Title: Innate immunity, therapeutic targets and monoclonal antibodies in SARS-CoV-2 infection
Description:
COVID-19 (coronavirus disease 2019), caused by SARS-CoV-2 (severe acute respiratory syndrome coronavirus 2), stands as one of the most severe pandemics the world has ever faced in recent times.
SARS-CoV-2 infection exhibits a wide range of symptoms, varying from severe manifestations to mild cases and even asymptomatic carriers.
This diversity stems from a multitude of factors, including genetic predisposition, viral variants, and immune status.
During SARS-CoV-2 infection, the immune system engages pattern recognition receptors, setting off a series of intricate signalling cascades.
These cascades culminate in the activation of innate immune responses, including induction of type I and type III interferons.
The emerging variants of SARS-CoV-2 pose challenges to the innate immune system defense.
Therefore, investigating the innate immune response is crucial for effectively combating SARS-CoV-2 and its variants.
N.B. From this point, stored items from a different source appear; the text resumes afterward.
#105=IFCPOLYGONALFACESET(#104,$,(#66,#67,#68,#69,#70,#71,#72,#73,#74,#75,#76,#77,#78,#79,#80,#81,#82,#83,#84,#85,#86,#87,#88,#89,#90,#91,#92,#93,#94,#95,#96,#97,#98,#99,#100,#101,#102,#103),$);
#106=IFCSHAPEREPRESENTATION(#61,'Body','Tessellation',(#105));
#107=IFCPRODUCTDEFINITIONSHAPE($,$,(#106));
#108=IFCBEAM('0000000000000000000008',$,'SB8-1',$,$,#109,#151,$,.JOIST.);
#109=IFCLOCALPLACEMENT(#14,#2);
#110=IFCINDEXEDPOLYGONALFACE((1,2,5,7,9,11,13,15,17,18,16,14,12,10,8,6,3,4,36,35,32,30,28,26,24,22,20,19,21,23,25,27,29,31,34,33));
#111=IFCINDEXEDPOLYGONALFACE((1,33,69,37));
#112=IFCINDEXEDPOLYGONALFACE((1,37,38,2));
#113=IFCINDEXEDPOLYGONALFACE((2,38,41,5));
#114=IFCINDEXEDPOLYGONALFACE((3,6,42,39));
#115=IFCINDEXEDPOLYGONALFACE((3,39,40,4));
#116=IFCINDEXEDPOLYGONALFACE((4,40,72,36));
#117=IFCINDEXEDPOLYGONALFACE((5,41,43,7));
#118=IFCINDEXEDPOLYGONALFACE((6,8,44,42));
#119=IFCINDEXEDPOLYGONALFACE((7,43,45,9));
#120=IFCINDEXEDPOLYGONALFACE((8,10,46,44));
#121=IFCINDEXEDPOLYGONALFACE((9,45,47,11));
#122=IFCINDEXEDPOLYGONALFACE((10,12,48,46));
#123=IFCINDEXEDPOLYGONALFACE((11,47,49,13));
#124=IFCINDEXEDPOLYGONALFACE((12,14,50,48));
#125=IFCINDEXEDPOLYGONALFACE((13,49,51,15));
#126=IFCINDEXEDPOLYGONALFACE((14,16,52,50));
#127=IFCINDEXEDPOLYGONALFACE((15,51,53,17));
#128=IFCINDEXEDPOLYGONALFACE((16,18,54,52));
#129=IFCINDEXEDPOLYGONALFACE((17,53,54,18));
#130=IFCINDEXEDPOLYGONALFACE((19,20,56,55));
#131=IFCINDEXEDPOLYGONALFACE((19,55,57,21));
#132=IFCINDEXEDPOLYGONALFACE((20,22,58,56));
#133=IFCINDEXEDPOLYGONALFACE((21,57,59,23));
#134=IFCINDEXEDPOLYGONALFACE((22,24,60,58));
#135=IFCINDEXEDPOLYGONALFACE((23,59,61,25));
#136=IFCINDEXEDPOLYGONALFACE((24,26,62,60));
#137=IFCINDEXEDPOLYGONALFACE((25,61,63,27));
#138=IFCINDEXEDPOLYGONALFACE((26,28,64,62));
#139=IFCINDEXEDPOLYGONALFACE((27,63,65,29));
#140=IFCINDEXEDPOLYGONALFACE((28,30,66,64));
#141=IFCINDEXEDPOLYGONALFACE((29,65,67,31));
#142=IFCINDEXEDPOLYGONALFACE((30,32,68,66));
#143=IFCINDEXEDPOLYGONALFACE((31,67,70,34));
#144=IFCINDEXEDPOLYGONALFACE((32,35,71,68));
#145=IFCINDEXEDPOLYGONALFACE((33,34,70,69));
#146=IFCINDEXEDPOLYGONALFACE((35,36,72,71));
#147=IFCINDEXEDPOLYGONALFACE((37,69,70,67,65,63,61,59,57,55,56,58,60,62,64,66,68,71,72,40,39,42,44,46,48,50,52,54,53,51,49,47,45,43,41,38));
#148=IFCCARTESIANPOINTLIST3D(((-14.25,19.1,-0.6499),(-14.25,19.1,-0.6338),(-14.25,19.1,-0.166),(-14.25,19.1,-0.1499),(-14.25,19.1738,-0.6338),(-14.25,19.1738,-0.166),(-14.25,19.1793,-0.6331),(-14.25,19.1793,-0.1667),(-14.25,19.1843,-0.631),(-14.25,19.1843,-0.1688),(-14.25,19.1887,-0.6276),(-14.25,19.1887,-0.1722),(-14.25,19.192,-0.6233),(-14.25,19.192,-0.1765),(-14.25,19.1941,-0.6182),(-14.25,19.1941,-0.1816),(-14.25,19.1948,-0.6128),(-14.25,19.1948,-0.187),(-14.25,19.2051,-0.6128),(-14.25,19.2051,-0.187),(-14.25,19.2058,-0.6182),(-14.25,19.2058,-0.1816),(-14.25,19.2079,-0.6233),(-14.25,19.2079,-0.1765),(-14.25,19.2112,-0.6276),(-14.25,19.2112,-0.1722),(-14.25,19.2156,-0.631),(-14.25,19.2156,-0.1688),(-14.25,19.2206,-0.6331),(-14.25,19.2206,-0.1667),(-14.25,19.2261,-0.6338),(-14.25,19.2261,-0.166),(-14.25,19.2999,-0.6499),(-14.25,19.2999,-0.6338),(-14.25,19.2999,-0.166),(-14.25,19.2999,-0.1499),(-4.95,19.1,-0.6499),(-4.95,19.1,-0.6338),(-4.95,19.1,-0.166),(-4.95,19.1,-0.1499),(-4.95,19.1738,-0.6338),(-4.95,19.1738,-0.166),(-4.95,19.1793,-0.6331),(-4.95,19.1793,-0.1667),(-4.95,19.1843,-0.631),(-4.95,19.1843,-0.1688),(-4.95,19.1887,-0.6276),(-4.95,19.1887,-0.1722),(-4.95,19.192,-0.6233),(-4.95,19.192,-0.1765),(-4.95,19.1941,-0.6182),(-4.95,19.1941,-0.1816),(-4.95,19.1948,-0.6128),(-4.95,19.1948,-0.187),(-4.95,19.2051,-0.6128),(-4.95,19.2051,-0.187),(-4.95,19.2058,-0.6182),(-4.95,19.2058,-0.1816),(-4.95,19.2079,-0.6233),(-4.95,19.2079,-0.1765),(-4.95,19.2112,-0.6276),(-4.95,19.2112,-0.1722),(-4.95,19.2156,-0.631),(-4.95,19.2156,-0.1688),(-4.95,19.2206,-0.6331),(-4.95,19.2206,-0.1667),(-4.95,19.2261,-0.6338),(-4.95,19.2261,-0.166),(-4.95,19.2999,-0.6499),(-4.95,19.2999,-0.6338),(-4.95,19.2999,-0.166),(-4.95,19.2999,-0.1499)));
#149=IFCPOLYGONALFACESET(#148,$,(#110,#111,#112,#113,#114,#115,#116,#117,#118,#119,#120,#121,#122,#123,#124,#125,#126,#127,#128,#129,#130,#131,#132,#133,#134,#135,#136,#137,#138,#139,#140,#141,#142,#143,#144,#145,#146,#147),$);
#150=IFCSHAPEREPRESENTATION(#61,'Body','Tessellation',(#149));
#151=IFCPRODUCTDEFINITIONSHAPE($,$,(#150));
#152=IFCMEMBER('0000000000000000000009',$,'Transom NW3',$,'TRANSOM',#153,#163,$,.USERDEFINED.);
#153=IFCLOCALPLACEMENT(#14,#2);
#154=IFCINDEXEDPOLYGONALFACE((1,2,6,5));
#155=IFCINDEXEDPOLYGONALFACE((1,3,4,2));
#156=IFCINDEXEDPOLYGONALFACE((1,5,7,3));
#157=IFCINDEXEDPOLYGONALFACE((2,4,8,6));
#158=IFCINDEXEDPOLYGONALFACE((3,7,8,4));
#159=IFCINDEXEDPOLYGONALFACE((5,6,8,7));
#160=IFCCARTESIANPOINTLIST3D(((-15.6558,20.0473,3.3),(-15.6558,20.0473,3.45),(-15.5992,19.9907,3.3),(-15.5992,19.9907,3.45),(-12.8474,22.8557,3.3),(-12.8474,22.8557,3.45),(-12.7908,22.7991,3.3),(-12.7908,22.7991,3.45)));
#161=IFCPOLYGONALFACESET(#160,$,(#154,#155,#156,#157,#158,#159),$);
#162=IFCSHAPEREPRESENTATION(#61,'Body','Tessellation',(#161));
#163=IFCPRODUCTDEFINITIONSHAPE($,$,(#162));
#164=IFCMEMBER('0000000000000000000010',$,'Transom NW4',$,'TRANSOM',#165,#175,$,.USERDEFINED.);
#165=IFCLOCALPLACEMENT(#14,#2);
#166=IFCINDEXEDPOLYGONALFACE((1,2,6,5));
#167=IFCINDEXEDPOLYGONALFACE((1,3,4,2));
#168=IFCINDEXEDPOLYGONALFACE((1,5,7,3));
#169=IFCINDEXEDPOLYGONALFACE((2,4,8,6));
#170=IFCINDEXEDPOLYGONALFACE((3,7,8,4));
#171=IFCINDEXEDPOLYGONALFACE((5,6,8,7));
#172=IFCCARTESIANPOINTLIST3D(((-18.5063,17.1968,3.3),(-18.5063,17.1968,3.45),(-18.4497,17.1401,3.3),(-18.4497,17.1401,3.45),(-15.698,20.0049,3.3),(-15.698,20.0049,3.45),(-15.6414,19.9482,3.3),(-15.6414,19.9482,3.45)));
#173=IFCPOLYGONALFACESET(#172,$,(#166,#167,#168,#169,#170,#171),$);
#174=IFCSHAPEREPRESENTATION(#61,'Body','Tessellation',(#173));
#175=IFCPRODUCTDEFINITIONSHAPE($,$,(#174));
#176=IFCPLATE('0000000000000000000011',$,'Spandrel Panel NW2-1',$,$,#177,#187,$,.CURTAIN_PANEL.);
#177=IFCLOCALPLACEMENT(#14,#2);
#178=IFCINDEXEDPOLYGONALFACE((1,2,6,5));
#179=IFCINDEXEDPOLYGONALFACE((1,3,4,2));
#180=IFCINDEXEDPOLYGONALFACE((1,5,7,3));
The cyclic guanosine monophosphate-adenosine monophoshate synthase-stimulator of interferon genes (cGAS-STING) pathway, a critical innate immune mechanism, represents a promising target for intervention at multiple stages to reduce the severity and progression of SARS-CoV-2 infection.
This review explores innate immunity in SARS-CoV-2 infection and other immune responses critical for SARS-CoV-2 defence.
As part of the therapeutic approach, we extend our review to highlight monoclonal antibodies (mAbs) as emerging and effective therapeutics for controlling SARS-CoV-2 by targeting different stages of the innate immune system.
A diverse range of mAbs has been explored to address specific targets within the innate immune pathways.
A deep understanding of innate immunity and targeted monoclonal therapeutics will be instrumental in combating viruses and their variants, laying the foundation for enhanced treatment and therapeutic strategies.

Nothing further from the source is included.